County: Location; mi; km; Destinations; Notes
Monroe: Tobyhanna Township; 0.000; 0.000; PA 940 – Mount Pocono, Blakeslee; Southern terminus
Coolbaugh Township: 6.602; 10.625; I-380 south – Stroudsburg, Hazleton; Access to I-380 southbound and from I-380 northbound; exit 8 (I-380)
6.976: 11.227; PA 611 to I-380 north – Scranton, Mount Pocono
11.868: 19.100; PA 196 north (Sterling Road) – Hamlin; South end of PA 196 overlap
11.876: 19.113; PA 196 south (Sterling Road) – Mount Pocono; North end of PA 196 overlap
Wayne: Dreher Township; 14.319; 23.044; PA 191 (South Sterling Road) – Newfoundland, Cresco; Northern terminus
1.000 mi = 1.609 km; 1.000 km = 0.621 mi Concurrency terminus; Incomplete access;

==PA 423 Truck==

Pennsylvania Route 423 Truck is a truck route bypassing a segment of PA 423 on which trucks with trailers over 45 feet in length are prohibited.

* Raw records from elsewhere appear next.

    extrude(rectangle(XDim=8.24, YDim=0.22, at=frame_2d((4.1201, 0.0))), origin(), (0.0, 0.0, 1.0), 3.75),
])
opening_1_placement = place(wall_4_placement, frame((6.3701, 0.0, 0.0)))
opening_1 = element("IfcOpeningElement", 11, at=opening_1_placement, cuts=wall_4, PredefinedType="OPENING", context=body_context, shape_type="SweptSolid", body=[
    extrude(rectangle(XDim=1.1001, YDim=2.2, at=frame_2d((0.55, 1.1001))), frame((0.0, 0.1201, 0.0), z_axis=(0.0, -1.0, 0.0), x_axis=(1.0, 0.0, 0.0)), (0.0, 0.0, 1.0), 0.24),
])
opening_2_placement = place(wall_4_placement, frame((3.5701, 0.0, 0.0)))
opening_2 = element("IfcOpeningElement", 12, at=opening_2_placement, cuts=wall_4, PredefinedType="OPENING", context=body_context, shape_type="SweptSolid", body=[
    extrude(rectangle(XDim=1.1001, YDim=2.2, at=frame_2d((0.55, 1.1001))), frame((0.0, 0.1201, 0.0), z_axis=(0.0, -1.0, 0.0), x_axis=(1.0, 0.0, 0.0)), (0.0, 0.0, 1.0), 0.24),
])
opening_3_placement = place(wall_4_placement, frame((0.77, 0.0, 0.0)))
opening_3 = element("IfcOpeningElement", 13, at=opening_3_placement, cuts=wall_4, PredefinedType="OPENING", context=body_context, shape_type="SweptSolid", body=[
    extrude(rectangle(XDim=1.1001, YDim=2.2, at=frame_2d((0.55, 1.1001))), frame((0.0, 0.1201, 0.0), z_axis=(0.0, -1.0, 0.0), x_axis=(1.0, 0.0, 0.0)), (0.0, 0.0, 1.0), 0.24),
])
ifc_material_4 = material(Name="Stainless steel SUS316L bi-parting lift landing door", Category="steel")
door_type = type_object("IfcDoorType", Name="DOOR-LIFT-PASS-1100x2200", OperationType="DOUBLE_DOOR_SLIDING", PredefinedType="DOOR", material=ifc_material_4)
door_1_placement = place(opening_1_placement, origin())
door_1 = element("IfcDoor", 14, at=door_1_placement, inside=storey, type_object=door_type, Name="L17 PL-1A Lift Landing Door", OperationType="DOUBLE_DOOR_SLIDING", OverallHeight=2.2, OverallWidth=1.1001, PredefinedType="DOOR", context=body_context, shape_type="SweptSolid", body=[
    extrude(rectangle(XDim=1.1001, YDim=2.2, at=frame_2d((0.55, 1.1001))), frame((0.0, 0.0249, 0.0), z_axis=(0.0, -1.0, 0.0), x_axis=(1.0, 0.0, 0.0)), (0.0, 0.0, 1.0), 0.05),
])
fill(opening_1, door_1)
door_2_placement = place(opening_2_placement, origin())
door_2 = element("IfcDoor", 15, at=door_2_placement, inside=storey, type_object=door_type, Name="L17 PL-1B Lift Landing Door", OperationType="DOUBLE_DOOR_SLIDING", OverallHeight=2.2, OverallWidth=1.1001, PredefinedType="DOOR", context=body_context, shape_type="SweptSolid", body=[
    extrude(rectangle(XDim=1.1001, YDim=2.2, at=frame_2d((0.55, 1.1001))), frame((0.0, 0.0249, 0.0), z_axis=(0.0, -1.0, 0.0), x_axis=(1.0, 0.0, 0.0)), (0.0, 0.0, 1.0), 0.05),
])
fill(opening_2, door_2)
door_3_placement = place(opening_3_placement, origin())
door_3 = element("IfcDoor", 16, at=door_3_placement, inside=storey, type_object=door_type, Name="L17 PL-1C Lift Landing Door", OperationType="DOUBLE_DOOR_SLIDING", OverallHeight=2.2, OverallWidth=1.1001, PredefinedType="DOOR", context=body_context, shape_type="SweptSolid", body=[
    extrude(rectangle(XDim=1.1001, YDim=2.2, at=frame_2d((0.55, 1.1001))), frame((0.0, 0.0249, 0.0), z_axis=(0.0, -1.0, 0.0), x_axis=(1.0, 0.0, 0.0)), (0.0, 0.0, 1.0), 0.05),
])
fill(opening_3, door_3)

This segment also features a weight-restricted bridge over Kistler Run. The route follows PA 940 and I-380 throughout Monroe County, Pennsylvania. Unlike many other truck routes throughout the state that were established in 2013, PA 423 Truck was signed in 2019 after the weight-restricted bridge on PA 940 had been repaired. As of March 2021, the bridge has no weight-restrictions over it, and construction on repairing the bridge was started around that same time. Because the truck restriction is still in place on mainline PA 423, the route is still signed.